Когда Пьеру было двенадцать, отец его скончался, оставив после себя, по мнению решительно всех, добрую славу джентльмена и хорошего католика, в сердце своей жены – неувядаемые воспоминания о длинной веренице ясных дней безоблачного и счастливого супружества, а на дне души Пьера – память о живом воплощении редкой мужской красоты и добросердечия, с коим соперничать мог разве что некий божественный образ, который и влил в его сердце такую любовь к добродетели. Грустными зимними вечерами у жарко натопленного камина или же в летних сумерках на открытой южной веранде, когда таинственная тишина сельской ночи разлита всюду, Пьеру и его матери приходил на ум бесконечный рой мыслей о давно минувшем, а впереди этой призрачной процессии всегда шествовал величественный и свято чтимый образ покойного мужа и отца. Затем начинала течь их беседа, посвященная воспоминаниям, глубокомысленная, но не лишенная приятности; и снова и снова все глубже и глубже душа Пьера проникалась затаенным тщеславным убеждением, что его боготворимый отец, который при жизни был столь хорош собою, ныне беспрепятственно принят в сонм непорочных ангелов Господних. Посему выросший в блаженном неведении и, до некоторой степени, затворничестве Пьер, несмотря на то что уж отпраздновал девятнадцатое рожденье, впервые столь явно соприкоснулся с той темною, хоть и более реалистичной стороною жизни, что, коли постоянно обитать в городе с самых юных лет, почти неизбежно наложит свой отпечаток на душу любого, наделенного зоркой наблюдательностью и склонностью к размышлениям молодого человека одних с Пьером лет. Одним словом, до сего дня память его сердца сохранила в целости дорогие воспоминания о минувшем; и отцовский гроб виделся Пьеру столь же незапятнанным, сколь и свежим, как мрамор самой Аримафеевой гробницы[67].
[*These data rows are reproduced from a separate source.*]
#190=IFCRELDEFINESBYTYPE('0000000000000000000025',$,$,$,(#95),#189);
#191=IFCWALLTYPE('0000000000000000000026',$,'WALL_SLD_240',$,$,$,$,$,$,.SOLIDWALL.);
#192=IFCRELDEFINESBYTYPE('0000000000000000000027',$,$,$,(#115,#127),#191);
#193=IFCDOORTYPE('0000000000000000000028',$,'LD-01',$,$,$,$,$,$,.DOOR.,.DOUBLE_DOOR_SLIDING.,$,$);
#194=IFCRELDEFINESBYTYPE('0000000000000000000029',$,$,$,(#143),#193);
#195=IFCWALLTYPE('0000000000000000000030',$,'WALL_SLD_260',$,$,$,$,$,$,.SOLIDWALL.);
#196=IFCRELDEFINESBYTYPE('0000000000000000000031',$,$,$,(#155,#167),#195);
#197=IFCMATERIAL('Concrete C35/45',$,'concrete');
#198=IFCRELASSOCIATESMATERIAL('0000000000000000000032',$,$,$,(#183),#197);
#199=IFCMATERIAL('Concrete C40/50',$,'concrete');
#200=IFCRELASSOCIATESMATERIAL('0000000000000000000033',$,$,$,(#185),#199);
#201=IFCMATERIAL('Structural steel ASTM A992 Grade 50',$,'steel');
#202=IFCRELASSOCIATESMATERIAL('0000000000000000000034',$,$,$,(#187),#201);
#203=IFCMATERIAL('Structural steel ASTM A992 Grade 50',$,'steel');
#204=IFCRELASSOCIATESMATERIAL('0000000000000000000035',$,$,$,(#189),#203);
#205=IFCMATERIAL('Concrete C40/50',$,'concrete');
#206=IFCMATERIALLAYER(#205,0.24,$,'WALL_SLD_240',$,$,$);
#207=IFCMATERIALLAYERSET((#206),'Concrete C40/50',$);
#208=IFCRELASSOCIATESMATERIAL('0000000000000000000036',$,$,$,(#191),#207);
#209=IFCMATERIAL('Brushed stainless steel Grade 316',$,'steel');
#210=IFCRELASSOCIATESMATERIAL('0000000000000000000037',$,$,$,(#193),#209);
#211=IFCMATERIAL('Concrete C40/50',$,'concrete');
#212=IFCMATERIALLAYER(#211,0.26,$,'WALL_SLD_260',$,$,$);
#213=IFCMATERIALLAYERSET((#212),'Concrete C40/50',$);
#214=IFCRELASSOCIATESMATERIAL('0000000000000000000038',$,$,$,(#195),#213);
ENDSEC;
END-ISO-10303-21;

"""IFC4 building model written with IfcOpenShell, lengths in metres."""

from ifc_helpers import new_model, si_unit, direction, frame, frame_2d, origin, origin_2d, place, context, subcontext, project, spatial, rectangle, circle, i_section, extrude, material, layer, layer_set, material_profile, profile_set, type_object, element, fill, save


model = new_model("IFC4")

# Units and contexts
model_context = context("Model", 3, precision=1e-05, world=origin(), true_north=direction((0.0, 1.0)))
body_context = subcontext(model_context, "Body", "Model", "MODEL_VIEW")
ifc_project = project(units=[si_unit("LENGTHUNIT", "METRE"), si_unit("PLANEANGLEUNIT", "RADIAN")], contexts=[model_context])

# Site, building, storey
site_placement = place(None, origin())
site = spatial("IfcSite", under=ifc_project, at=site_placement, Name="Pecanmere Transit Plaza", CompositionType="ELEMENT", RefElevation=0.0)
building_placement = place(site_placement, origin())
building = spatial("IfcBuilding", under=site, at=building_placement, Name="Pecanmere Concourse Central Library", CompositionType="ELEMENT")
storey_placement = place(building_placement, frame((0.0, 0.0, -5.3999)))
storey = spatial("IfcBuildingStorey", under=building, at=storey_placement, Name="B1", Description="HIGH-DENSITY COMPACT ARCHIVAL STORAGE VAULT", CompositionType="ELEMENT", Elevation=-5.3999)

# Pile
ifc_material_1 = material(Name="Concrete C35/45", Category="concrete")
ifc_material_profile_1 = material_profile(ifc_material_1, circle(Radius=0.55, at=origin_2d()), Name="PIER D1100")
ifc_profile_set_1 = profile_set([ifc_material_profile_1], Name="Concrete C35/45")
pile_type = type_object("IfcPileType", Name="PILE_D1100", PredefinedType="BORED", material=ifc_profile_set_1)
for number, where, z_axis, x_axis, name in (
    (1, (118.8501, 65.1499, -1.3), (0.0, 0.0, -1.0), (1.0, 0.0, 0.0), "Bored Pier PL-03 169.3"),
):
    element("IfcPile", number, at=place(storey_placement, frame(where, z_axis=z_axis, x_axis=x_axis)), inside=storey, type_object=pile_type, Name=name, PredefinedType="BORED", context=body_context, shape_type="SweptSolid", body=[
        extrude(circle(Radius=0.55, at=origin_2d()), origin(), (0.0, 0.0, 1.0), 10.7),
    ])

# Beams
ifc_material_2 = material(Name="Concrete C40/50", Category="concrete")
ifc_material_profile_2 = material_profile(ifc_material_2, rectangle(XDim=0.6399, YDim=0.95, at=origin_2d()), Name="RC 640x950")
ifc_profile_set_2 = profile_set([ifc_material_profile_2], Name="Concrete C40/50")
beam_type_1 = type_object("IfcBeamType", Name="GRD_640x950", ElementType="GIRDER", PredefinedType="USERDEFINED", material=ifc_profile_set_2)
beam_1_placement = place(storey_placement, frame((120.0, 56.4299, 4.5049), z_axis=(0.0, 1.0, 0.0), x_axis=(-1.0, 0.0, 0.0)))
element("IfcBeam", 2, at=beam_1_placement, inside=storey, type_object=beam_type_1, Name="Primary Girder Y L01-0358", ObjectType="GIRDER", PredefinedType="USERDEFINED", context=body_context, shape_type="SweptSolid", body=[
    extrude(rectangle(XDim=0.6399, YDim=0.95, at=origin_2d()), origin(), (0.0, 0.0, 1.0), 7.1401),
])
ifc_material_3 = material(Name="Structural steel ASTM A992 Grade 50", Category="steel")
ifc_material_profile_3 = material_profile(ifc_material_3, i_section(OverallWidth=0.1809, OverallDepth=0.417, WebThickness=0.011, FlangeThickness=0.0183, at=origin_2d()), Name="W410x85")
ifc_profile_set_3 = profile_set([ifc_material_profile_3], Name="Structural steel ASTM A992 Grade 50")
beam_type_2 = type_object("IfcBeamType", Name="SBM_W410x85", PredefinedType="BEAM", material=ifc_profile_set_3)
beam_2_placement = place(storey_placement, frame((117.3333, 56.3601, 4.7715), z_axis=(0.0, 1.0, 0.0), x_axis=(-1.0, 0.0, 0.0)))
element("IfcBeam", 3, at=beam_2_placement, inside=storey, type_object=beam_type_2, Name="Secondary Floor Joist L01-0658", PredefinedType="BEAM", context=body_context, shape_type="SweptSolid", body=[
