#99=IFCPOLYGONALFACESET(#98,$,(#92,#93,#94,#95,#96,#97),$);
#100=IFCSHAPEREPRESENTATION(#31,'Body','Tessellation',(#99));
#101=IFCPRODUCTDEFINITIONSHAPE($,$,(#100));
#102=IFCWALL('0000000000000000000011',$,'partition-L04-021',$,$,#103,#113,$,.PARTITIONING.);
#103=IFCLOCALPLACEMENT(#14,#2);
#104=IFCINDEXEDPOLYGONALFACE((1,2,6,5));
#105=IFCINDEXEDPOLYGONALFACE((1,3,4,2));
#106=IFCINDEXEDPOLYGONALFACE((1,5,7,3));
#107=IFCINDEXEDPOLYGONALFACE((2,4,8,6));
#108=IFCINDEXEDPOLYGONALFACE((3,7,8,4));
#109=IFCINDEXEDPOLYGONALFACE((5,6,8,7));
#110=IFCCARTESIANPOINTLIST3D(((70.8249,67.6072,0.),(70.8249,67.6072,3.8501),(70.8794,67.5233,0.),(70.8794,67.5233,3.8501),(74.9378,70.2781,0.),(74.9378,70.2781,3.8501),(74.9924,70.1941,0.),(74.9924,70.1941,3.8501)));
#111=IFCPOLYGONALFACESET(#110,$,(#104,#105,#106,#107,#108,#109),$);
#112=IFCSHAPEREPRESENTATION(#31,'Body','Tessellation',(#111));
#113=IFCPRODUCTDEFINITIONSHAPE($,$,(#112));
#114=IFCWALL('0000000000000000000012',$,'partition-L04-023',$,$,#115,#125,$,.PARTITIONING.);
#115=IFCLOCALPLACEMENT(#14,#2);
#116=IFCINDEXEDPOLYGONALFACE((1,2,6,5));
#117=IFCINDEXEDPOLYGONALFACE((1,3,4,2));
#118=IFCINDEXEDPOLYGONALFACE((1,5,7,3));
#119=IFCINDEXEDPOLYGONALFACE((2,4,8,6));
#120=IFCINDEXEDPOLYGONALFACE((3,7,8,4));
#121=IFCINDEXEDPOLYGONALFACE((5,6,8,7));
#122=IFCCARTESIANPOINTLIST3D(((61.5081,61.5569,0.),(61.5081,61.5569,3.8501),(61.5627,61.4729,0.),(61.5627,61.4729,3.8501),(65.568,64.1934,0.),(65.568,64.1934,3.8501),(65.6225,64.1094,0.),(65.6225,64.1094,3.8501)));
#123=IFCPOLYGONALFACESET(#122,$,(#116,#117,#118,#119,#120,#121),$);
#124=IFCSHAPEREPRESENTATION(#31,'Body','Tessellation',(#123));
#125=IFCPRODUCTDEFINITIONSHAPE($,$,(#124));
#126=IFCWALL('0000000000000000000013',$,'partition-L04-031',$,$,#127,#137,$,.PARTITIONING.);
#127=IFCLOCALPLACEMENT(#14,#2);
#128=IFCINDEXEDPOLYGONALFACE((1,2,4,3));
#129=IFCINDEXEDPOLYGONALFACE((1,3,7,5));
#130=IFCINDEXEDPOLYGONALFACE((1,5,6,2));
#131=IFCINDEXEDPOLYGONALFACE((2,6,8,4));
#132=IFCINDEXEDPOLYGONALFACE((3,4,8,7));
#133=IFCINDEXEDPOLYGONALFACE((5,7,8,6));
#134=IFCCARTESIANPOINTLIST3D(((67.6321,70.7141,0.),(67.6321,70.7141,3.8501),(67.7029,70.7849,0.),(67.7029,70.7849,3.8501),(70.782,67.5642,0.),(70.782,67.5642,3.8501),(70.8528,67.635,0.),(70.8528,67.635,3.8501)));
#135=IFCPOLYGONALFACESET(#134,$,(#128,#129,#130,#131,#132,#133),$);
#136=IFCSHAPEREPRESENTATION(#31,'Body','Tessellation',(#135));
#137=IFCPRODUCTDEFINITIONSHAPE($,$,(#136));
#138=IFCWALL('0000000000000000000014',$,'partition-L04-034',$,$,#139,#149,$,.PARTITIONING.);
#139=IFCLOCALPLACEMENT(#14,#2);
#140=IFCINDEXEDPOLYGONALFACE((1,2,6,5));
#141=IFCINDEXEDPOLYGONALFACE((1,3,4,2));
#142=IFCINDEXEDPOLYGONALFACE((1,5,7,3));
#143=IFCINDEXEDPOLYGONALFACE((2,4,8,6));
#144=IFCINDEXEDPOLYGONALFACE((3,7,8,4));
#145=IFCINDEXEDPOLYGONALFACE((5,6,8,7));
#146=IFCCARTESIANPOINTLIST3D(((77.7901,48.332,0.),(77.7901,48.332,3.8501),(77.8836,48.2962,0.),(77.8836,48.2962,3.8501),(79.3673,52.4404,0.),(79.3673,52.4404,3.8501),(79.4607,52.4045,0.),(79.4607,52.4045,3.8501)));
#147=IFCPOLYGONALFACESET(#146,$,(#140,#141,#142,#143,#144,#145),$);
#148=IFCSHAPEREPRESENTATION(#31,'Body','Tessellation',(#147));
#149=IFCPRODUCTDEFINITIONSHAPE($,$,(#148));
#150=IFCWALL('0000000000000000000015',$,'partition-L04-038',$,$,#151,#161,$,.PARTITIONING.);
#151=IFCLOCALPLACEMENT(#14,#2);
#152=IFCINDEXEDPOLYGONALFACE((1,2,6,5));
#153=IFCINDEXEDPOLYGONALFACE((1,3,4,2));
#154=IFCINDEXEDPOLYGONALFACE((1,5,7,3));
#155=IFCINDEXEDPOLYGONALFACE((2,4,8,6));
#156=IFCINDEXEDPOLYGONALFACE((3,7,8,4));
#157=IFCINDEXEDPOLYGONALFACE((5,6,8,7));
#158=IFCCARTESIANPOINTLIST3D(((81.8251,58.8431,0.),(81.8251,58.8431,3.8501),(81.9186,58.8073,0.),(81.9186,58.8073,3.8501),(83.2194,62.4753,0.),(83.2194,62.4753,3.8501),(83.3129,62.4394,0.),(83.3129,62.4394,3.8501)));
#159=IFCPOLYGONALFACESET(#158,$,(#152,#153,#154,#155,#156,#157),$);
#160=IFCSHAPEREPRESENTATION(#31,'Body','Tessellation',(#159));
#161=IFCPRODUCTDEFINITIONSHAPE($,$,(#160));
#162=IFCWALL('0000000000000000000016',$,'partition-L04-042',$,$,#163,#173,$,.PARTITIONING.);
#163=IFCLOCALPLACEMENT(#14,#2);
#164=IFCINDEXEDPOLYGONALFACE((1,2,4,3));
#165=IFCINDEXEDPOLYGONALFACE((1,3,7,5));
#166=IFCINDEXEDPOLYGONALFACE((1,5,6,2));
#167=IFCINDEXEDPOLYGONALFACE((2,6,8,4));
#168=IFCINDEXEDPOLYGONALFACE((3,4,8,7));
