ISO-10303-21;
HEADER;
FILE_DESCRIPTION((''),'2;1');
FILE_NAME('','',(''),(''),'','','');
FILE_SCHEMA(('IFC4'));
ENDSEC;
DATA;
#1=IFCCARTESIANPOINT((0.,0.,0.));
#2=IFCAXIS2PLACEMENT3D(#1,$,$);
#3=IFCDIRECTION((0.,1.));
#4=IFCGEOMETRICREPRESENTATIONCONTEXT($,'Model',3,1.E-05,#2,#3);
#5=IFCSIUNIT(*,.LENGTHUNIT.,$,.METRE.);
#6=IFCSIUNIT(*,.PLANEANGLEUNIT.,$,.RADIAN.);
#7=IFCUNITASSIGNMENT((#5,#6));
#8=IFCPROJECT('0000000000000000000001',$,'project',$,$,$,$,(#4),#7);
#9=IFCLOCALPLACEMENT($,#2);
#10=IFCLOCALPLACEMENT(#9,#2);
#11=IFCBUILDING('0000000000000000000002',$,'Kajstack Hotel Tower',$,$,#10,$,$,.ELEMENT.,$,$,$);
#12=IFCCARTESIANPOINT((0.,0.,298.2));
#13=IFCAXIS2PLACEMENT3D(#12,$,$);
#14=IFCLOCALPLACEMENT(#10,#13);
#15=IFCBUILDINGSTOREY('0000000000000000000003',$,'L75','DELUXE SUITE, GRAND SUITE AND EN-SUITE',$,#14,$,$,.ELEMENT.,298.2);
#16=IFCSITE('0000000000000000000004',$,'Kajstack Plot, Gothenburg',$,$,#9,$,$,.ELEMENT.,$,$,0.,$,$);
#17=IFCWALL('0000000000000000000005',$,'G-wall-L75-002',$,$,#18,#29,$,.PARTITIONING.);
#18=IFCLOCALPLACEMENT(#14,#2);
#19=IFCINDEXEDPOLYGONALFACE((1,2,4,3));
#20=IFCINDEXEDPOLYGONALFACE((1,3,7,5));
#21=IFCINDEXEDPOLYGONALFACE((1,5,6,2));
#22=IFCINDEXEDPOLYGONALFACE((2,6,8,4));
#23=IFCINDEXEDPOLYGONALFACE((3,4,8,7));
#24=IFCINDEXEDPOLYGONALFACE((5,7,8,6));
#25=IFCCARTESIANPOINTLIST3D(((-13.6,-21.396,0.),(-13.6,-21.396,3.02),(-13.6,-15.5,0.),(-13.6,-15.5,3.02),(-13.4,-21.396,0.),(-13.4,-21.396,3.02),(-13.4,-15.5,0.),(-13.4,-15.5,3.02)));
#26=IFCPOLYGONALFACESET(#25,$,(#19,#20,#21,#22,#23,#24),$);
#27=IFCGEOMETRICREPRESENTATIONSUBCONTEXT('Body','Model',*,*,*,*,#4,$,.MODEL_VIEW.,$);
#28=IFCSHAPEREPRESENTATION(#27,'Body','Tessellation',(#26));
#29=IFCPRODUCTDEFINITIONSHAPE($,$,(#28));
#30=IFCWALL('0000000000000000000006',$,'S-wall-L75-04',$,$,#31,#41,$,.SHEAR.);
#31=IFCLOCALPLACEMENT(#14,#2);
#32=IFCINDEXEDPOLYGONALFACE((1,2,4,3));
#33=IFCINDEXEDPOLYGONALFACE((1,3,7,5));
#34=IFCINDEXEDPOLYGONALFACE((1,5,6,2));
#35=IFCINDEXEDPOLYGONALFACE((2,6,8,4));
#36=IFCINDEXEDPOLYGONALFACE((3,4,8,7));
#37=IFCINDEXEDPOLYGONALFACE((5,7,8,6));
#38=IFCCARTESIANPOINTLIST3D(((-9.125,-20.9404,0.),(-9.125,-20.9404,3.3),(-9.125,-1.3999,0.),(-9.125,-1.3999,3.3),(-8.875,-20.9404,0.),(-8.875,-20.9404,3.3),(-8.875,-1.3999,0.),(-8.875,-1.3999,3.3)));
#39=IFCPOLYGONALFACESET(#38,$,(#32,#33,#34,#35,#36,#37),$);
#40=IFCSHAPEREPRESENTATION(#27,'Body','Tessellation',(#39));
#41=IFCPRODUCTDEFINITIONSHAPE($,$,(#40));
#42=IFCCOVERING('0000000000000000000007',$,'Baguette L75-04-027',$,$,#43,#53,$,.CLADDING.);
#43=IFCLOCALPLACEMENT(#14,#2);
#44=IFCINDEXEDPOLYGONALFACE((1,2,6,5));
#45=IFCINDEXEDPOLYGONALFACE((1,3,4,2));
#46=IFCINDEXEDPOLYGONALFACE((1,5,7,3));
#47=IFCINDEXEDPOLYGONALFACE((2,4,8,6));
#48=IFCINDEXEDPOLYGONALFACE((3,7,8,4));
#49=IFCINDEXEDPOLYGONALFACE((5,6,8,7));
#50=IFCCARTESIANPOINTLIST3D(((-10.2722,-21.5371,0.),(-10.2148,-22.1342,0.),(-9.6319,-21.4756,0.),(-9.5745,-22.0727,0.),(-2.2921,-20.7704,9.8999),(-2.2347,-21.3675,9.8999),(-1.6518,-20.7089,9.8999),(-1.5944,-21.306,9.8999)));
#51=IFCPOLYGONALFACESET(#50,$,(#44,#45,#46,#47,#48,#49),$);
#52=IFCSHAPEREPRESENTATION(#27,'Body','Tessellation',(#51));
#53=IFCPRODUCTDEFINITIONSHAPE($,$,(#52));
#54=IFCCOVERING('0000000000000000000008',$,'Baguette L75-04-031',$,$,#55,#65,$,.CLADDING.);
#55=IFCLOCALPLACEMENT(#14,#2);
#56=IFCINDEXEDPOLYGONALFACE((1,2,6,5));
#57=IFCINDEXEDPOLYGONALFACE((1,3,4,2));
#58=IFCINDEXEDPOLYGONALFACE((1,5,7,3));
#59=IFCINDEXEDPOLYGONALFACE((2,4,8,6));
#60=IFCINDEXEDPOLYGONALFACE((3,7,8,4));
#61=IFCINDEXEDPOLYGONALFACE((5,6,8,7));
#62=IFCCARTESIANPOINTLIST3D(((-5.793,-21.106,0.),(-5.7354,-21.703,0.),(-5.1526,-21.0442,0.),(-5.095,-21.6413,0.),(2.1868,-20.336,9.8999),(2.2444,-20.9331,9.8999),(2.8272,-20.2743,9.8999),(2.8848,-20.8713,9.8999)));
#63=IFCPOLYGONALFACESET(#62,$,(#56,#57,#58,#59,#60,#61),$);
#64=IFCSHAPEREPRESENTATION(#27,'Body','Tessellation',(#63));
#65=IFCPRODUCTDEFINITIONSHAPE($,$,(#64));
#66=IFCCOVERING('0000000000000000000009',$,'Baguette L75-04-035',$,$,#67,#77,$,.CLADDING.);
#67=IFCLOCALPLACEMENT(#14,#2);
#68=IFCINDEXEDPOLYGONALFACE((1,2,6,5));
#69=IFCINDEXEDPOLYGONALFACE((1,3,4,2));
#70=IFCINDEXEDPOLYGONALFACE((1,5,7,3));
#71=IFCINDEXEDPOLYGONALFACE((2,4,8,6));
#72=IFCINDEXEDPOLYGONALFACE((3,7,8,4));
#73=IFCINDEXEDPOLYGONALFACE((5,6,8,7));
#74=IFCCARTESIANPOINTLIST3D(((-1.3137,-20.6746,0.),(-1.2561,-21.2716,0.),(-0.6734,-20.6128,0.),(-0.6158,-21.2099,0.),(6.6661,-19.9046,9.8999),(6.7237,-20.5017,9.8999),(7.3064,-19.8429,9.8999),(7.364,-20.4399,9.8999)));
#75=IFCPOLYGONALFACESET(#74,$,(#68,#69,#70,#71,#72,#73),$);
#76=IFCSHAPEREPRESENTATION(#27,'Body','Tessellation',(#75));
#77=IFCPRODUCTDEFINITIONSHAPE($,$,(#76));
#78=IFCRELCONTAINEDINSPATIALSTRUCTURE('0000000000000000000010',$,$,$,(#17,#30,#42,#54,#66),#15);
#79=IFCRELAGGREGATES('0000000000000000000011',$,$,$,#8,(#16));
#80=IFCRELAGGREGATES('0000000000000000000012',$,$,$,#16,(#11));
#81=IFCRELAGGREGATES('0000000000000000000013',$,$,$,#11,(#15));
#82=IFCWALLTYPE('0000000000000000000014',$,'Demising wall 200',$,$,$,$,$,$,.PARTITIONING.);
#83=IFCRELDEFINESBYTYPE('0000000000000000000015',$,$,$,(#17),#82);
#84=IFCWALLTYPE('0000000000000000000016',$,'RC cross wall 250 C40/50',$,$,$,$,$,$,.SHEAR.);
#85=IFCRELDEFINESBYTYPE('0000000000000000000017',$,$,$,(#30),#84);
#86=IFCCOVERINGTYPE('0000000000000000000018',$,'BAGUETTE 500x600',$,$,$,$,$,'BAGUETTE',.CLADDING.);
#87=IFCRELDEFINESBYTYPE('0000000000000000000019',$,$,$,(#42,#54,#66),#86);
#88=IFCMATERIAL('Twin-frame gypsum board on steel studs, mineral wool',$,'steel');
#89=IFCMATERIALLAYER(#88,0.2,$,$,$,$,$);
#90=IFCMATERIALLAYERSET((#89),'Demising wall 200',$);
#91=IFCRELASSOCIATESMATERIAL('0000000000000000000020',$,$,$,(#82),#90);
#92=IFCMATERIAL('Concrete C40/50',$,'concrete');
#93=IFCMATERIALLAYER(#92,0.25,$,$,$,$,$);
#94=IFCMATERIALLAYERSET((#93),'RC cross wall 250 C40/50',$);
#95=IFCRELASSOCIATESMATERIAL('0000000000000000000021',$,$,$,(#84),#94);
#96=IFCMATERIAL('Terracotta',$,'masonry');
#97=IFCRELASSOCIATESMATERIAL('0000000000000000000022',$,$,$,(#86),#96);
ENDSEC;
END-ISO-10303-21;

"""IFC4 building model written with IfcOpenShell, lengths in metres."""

from ifc_helpers import new_model, si_unit, direction, frame, frame_2d, origin, origin_2d, place, context, subcontext, project, spatial, polyline, rectangle, outline, extrude, material, layer, layer_set, material_profile, profile_set, type_object, element, save


model = new_model("IFC4")

# Units and contexts
model_context = context("Model", 3, precision=1e-05, world=origin(), true_north=direction((0.0, 1.0)))
body_context = subcontext(model_context, "Body", "Model", "MODEL_VIEW")
ifc_project = project(units=[si_unit("LENGTHUNIT", "METRE"), si_unit("PLANEANGLEUNIT", "RADIAN")], contexts=[model_context])

# Site, building, storey
site_placement = place(None, origin())
site = spatial("IfcSite", under=ifc_project, at=site_placement, Name="Kajstack Plot, Gothenburg", CompositionType="ELEMENT", RefElevation=0.0)
building_placement = place(site_placement, origin())
building = spatial("IfcBuilding", under=site, at=building_placement, Name="Kajstack Hotel Tower", CompositionType="ELEMENT")
storey_placement = place(building_placement, frame((0.0, 0.0, 298.2)))
storey = spatial("IfcBuildingStorey", under=building, at=storey_placement, Name="L75", Description="DELUXE SUITE, GRAND SUITE AND EN-SUITE", CompositionType="ELEMENT", Elevation=298.2)

# Wall
ifc_material_1 = material(Name="Twin-frame gypsum board on steel studs, mineral wool", Category="steel")
ifc_layer_1 = layer(ifc_material_1, 0.2)
ifc_layer_set_1 = layer_set([ifc_layer_1], Name="Demising wall 200")
wall_type_1 = type_object("IfcWallType", Name="Demising wall 200", PredefinedType="PARTITIONING", material=ifc_layer_set_1)
wall_1_placement = place(storey_placement, frame((-13.5, -21.396, 0.0), z_axis=(0.0, 0.0, 1.0), x_axis=(0.0, 1.0, 0.0)))
element("IfcWall", 1, at=wall_1_placement, inside=storey, type_object=wall_type_1, Name="G-wall-L75-002", PredefinedType="PARTITIONING", context=body_context, shape_type="SweptSolid", body=[
    extrude(rectangle(XDim=5.896, YDim=0.2, at=frame_2d((2.948, 0.0))), origin(), (0.0, 0.0, 1.0), 3.02),
])

# Wall
ifc_material_2 = material(Name="Concrete C40/50", Category="concrete")
ifc_layer_2 = layer(ifc_material_2, 0.25)
ifc_layer_set_2 = layer_set([ifc_layer_2], Name="RC cross wall 250 C40/50")
wall_type_2 = type_object("IfcWallType", Name="RC cross wall 250 C40/50", PredefinedType="SHEAR", material=ifc_layer_set_2)
wall_2_placement = place(storey_placement, frame((-9.0, -20.9404, 0.0), z_axis=(0.0, 0.0, 1.0), x_axis=(0.0, 1.0, 0.0)))
element("IfcWall", 2, at=wall_2_placement, inside=storey, type_object=wall_type_2, Name="S-wall-L75-04", PredefinedType="SHEAR", context=body_context, shape_type="SweptSolid", body=[
    extrude(rectangle(XDim=19.5405, YDim=0.25, at=frame_2d((9.7703, 0.0))), origin(), (0.0, 0.0, 1.0), 3.3),
])

# Coverings
ifc_material_3 = material(Name="Terracotta", Category="masonry")
ifc_material_profile = material_profile(ifc_material_3, rectangle(XDim=0.6001, YDim=0.5, at=origin_2d()), Name="Terracotta-clad concrete baguette 500 x 600")
ifc_profile_set = profile_set([ifc_material_profile], Name="Terracotta")
covering_type = type_object("IfcCoveringType", Name="BAGUETTE 500x600", ElementType="BAGUETTE", PredefinedType="CLADDING", material=ifc_profile_set)
for number, where, z_axis, x_axis, name in (
    (3, (-10.2722, -21.5371, 0.0), (0.095635, -0.995416, 0.0), (0.995416, 0.095635, 0.0), "Baguette L75-04-027"),
    (4, (-5.793, -21.106, 0.0), (0.096038, -0.995378, 0.0), (0.995378, 0.096038, 0.0), "Baguette L75-04-031"),
    (5, (-1.3137, -20.6746, 0.0), (0.096038, -0.995378, 0.0), (0.995378, 0.096038, 0.0), "Baguette L75-04-035"),
):
    element("IfcCovering", number, at=place(storey_placement, frame(where, z_axis=z_axis, x_axis=x_axis)), inside=storey, type_object=covering_type, Name=name, PredefinedType="CLADDING", context=body_context, shape_type="SweptSolid", body=[
        extrude(outline(polyline([(8.0168, 9.8999), (0.0, 0.0), (0.6433, 0.0), (8.6602, 9.8999), (8.0168, 9.8999)])), origin(), (0.0, 0.0, 1.0), 0.5999),
    ])

save(model, "model.ifc")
Судите ныне, какая же волна полного разрушения и гибельная буря поднялись той ночью в душе Пьера, что разметали, обнажив ту священнейшую гробницу, весь живой цветочный ее покров да сожгли дотла статую кроткого святого, пока рушились обломки главной святыни его души.
II
Как виноградные лозы сперва цветут, а после гроздья их наливаются пурпуром на тех побегах, что густо оплетают стены и самые зевы пушек возрожденной крепости Эренбрейтштейн[68], так и сладчайшие радости жизни вызревают в хищной пасти горя, что неизменно их стережет.